915-black/yellow alternator B+ output
Not used for your new alternator. However, it is a great source of power for other accessories, so you can either plan to put a small fuse panel at the end of it, or a power distribution stud.
Or you could just cap it off safely and tuck it away for now.
914-orange alternator F
901-blk/red alternator ground
This bundle has a split with a pigtail with a yellow no number wire
Black with red ground wire can still be utilized. But I would replace it with a large larger gauge wire to actually ground the alternator.
Yellow wire attaches to the yellow with white stripe wire on the new alternator connector. Verify that it has power all the time. The other end of it should either be connected to the starter relay’s battery side, or spliced into a power wire somewhere in the harness.

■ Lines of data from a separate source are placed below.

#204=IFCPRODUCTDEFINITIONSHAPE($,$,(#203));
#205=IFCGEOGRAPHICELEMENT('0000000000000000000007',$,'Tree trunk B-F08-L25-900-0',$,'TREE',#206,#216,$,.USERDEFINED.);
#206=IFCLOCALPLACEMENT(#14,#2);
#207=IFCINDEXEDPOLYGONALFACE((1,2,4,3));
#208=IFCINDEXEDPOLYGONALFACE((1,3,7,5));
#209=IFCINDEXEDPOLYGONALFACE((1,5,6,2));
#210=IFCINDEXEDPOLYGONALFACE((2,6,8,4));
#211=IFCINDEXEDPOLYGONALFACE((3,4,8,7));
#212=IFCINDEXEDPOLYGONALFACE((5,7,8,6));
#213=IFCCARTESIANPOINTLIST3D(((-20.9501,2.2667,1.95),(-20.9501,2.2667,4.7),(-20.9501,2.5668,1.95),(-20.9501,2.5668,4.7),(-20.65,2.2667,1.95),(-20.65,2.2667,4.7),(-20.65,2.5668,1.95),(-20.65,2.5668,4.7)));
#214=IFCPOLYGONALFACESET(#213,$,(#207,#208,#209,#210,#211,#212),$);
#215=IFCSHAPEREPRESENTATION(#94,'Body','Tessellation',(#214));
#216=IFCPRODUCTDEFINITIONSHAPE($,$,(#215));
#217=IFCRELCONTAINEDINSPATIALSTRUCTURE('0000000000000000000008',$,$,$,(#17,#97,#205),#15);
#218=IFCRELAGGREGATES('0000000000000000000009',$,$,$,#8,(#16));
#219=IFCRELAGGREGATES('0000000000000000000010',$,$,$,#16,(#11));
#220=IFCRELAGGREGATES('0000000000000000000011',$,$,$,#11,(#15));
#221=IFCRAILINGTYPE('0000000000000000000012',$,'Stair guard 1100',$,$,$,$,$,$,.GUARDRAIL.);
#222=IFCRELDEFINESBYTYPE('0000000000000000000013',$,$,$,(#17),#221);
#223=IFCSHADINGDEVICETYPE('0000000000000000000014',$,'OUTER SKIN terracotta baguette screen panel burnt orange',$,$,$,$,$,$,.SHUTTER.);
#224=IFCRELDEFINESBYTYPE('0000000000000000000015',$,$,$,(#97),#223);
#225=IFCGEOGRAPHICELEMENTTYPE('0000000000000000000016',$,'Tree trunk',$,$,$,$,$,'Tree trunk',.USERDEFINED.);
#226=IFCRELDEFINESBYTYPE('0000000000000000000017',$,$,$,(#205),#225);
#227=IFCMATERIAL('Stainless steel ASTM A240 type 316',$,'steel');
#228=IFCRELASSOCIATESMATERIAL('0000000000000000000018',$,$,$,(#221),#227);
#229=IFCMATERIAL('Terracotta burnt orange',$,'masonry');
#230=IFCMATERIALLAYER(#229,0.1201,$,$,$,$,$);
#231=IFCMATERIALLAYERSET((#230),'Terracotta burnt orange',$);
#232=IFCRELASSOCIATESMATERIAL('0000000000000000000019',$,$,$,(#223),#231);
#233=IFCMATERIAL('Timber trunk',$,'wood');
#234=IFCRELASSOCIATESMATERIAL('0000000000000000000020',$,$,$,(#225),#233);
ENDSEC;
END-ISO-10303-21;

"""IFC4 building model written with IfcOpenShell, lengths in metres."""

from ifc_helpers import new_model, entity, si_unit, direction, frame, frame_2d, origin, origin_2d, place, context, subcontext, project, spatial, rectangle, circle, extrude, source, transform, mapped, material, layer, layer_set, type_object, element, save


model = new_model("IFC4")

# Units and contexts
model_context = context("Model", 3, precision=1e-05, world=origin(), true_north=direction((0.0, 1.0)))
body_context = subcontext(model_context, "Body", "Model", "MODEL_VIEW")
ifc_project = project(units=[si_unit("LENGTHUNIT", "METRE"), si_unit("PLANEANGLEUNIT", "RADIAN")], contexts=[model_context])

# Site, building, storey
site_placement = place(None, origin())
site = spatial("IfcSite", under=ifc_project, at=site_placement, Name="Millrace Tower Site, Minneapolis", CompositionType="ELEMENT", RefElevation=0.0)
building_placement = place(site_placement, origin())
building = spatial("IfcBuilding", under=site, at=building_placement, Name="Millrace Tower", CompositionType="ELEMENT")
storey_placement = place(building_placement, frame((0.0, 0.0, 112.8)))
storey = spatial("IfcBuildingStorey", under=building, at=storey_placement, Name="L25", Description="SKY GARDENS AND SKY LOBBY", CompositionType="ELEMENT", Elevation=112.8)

Orange wire is no longer used.
916-blk starter solenoid B+
Remains attached to the starter relays battery side. This is your main power to the fuse panel. Does it have a fuse already, or do they indicate you should install your 60 amp fuse in this line?
970-brown coil+ to starter solenoid I
Your new starter relay/solenoid probably does not have a “I“ post? If not, just eliminate this wire. Probably do it even with the old style, because your ignition may no longer need it.
957-red/blue ign module start signal source
919-red/blue starter sol S to neutral safety
These are the same wire essentially. We have to determine if one has power to it when the key is in the START position and the other does not. One is meant for you with an automatic transmission with an NSS, while the other is meant for a manual transmission.
Are you running a computer controlled 4R70?
I don’t remember without rereading.

You don’t mention the green wire, but I see it in pic of the bundle.
That will go to the green with red wire on the alternator connector.